他輕微搖頭,“我不是在考你,而是教你梳理學科框架。你給我和顧佳講課時,知道畫重點、押題,也告訴我們一些答題技巧,怎麼到自己就忘了?學習首先要建立一個知識架構,這個學科分為幾大部分,也就是對應的幾本書。每一本書它有幾章的內容,這一章裡每節課又講了什麼。從大推小,才能見小知大。光背小的考點太散,不容易記,這樣的學習方式是不行的。”
他在路上又幫我梳理了政治和曆史,並告訴我,“不要經常看,要經常回憶。”
自習課我做了架構梳理圖,按照藍桓的說法,將點穿成線,將線織成麵。一個大的網絡架構就形成了。
有時候我不去翻書,直接看目錄,都能夠在心裡說出這一章的內容,如此做題也變得輕鬆。
我還做了兩次模擬考試的試卷總結,過程雖累,但卻不複雜。例如語文學科,我先寫題型總結,總共四大題型,現代文閱讀,文言文閱讀,語言文字應用和寫作。然後再研究題型下每道題考的小知識點。如此,每一張試卷都進行解析,常考點,易錯點一目了然。心中也是一片清明,豁然開朗。
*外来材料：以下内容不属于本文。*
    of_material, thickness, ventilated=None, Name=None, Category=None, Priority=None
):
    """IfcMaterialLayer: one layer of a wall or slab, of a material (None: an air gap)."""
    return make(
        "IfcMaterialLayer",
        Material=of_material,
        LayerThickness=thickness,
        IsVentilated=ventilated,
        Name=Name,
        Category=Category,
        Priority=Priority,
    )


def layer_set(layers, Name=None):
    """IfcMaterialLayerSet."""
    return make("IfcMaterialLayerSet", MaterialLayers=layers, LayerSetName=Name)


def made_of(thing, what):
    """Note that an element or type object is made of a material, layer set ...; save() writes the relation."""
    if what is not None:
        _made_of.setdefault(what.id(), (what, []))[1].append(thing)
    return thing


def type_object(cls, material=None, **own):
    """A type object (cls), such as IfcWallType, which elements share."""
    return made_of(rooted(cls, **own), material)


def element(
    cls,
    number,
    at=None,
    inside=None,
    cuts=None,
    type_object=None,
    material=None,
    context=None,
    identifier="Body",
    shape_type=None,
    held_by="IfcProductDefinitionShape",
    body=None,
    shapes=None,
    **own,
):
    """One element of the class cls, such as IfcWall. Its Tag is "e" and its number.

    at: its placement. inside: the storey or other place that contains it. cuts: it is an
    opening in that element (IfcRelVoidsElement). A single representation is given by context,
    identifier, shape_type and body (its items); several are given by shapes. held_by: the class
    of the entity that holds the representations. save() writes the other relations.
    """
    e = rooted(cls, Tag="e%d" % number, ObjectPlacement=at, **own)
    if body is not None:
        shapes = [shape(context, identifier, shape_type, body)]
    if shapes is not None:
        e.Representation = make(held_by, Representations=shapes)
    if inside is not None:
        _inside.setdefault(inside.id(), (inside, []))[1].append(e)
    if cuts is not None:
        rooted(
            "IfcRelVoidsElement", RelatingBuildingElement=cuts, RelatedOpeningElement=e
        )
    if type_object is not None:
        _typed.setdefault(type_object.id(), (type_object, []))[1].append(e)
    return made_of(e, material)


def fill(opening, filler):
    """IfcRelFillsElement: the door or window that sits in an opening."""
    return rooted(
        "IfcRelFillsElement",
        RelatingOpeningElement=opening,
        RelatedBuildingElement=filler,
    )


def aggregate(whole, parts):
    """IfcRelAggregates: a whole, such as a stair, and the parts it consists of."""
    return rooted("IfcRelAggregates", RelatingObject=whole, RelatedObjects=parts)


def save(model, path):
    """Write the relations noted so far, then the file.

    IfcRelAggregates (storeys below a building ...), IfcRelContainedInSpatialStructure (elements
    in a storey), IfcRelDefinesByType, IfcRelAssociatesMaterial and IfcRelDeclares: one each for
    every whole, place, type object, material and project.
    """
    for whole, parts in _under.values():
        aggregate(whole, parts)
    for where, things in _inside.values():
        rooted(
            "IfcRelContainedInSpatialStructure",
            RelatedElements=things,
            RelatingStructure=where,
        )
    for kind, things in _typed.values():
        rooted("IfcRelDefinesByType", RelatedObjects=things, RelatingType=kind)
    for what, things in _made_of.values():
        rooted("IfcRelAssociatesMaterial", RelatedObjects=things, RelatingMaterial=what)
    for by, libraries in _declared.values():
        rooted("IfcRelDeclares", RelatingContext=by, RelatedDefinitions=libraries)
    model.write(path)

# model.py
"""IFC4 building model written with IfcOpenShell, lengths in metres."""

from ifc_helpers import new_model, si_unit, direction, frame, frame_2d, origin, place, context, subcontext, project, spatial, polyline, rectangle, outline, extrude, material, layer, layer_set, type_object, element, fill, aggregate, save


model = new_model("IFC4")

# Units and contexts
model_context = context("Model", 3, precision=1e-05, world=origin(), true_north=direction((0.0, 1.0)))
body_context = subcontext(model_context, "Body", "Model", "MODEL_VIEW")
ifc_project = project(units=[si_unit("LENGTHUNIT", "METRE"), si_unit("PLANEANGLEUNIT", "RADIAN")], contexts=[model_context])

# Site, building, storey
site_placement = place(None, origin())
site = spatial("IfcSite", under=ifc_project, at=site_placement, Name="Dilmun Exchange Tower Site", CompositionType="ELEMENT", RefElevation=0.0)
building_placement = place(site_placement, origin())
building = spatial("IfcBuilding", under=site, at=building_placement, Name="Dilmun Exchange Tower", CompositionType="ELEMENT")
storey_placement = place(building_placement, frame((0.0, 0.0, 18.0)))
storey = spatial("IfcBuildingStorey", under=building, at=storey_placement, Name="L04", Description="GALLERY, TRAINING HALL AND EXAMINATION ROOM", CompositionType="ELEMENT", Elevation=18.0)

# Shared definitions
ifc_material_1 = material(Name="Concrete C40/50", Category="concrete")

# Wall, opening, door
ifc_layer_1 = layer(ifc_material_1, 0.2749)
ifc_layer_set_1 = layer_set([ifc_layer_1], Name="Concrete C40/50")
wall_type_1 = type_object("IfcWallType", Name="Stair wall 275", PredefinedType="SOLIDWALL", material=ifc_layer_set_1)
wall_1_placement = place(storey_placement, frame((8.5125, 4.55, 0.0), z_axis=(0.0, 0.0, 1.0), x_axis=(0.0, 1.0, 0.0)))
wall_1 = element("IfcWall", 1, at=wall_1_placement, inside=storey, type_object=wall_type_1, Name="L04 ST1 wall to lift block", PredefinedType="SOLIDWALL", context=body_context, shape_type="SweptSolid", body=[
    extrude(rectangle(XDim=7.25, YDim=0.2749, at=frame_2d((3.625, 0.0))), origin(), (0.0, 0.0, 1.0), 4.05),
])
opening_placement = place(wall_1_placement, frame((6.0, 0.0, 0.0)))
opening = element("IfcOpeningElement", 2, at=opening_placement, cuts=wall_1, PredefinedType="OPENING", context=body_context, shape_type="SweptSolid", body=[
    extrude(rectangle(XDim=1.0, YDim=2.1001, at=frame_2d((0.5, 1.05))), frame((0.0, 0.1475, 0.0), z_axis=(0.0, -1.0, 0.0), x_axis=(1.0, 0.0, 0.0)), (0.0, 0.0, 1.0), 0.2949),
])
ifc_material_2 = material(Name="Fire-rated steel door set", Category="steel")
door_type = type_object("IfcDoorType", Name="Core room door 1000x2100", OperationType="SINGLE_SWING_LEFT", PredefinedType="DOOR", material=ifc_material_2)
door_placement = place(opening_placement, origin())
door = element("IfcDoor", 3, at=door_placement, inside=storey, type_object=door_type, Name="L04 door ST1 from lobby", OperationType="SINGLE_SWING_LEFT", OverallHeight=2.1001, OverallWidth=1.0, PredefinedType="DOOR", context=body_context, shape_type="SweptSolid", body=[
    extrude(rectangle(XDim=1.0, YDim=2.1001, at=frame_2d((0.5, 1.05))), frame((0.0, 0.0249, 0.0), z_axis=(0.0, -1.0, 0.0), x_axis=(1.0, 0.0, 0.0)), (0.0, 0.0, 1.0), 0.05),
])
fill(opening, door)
三模考試結束,我破天荒地進了學年前五十名,成績又上升一個層次。
課下被人傳話,同學們有說我是為了藍桓在努力,想跟他考一所大學。也有人說藍桓旺人體質好,教誰學習都能進步。可當時我卻絲毫不生氣,或許現實的快樂會衝淡微不足道的輿論。
後來他放學等我,我也不再抵觸,還有些欣喜地跟著他走,偶爾會主動聊起學習方法,他也會開心地回應我。
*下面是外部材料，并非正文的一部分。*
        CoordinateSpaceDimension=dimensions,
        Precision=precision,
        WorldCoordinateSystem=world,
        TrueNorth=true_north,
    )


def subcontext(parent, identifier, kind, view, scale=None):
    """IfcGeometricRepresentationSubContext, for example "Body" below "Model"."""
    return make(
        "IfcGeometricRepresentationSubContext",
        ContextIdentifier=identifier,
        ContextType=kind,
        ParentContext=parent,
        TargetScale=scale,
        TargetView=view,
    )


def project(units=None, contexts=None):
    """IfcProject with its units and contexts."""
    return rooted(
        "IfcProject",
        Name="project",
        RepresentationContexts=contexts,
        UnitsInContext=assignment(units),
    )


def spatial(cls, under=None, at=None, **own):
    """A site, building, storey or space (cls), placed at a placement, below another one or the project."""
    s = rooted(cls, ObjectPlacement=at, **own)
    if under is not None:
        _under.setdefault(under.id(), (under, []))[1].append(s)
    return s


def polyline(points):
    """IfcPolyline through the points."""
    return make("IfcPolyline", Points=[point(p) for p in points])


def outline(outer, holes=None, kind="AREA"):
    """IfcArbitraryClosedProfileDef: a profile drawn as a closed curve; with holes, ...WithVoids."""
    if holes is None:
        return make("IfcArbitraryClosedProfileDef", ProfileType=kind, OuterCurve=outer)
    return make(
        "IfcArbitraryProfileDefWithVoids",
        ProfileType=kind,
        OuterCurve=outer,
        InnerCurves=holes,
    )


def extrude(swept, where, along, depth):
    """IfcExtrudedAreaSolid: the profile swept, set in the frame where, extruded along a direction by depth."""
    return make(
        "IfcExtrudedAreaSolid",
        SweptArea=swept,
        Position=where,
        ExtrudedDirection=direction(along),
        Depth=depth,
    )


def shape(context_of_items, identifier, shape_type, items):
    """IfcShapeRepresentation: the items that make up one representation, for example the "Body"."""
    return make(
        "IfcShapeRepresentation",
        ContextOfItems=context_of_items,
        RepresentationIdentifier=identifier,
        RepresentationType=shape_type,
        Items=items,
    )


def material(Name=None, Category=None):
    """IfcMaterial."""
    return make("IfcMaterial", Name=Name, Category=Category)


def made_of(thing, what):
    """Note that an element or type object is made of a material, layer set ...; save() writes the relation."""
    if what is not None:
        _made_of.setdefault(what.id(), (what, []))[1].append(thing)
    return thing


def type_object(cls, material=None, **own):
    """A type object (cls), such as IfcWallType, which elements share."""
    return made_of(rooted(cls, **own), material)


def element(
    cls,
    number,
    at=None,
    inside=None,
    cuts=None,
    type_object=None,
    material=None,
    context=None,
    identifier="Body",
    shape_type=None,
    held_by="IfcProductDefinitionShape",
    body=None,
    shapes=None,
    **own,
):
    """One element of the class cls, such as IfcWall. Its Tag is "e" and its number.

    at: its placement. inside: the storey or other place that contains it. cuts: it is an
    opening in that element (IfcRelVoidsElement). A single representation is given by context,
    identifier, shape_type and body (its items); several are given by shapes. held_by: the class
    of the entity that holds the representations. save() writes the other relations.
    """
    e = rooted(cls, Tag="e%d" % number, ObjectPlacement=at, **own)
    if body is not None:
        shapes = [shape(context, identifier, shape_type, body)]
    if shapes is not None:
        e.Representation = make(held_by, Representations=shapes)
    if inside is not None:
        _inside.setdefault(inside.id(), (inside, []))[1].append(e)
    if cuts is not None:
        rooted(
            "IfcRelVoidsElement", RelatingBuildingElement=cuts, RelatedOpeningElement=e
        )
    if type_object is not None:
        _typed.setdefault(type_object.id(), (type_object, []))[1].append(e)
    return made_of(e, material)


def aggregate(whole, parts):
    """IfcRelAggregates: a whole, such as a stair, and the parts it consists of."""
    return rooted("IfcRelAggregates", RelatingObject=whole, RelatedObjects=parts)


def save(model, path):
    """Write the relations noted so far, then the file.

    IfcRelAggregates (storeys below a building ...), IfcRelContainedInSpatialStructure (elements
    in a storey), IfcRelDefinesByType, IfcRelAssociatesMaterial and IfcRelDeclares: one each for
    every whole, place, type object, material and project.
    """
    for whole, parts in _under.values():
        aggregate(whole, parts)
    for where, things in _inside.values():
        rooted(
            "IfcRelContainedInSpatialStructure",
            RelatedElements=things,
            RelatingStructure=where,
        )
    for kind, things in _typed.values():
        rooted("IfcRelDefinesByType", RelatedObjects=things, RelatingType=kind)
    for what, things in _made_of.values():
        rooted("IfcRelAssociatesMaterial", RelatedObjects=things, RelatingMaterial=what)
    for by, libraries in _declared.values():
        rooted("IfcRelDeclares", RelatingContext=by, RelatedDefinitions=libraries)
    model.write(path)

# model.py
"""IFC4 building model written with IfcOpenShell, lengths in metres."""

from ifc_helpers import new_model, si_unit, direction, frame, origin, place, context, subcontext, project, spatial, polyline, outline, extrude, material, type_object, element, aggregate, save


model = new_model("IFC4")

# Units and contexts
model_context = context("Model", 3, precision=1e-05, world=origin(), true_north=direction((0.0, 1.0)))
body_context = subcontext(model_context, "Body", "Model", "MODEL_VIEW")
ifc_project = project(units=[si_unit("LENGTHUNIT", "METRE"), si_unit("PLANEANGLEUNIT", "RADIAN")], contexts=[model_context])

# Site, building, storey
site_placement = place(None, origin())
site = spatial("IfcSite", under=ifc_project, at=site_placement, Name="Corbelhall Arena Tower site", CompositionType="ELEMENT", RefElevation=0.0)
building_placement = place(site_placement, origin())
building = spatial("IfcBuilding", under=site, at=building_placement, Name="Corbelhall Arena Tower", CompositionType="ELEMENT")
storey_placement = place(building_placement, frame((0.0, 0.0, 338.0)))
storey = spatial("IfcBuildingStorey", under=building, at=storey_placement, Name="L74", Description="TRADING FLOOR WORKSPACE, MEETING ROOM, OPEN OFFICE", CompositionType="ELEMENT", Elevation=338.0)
但我更傾向於我們之間是朋友,就像我和蘇晨那樣,不去越界,所以一直到高考結束我都沒有察覺他對我有其他感情。
高考的前一天,學校不到五點鐘放學。
老師說如果覺得壓力大,可以拋開書籍,散散步,好好放鬆一下自己。
那天藍桓沒有等我,而是叫人送了張字條說不能送我回家,並鼓勵我考試成功。
再次與蘇晨、姚玉琪放學一起走,感覺卻是陌生的,路上我們三個沉默著,一直到校門,姚玉琪說了一句“拜拜”,我和蘇晨也同樣回應。
之後我與蘇晨也各自走向不同的道路,仿佛那是我們日後的人生方向,而我們的關係也越來越遠。
高考來臨那天,路上遇到幾個同班同學,但是沒有跟過去講話,緩緩地走著,放鬆自己的心態。
新課改考試題不難,都是基本知識,所以考試比較順利。
高考結束,成績下來的時候,我都不敢相信,我居然考到500分以上,超出二本線三十多分。
最先查完分數打來電話的人是顧佳,她壓線考上了一本。接著是藍桓,說自己沒考好,總分沒過七百。不過695分他報考想去的學校綽綽有餘。
姚玉琪和蘇晨的情況我是回學校填寫誌願時才知道的,姚玉琪沒過一本線,所以挑了一些好一點的二本報。蘇晨發揮失常,與二本線差了兩分。我們勸她報城市環境好的三本,但她認為學費太高,想去專科,以後自考專升本。最後還是藍桓給她建議,隻報二本,三本和專科不報,然後等二本補錄。
我翻著紅皮書與綠皮書,在草紙上列出大學的名稱,交誌願的時間還早,還是慎重一些填寫好。周圍同學們除了自己填誌願,也有把家長帶學校和老師一起參考的。教室內的氣氛時而壓抑,時而熱鬨。
藍桓走到我身邊時,我才有所感覺。往常是不允許外班同學進的,填報誌願時期管理不嚴,老師都在忙升學率問題,沒有注意這些。
他問我:“選好了嗎?”
我搖頭,“還沒。”
他拿起我寫的草稿,微微皺眉。
“筱楠,本來這件事是你自己決定,但我希望我們即使不在同一所大學,也在同一個城市。”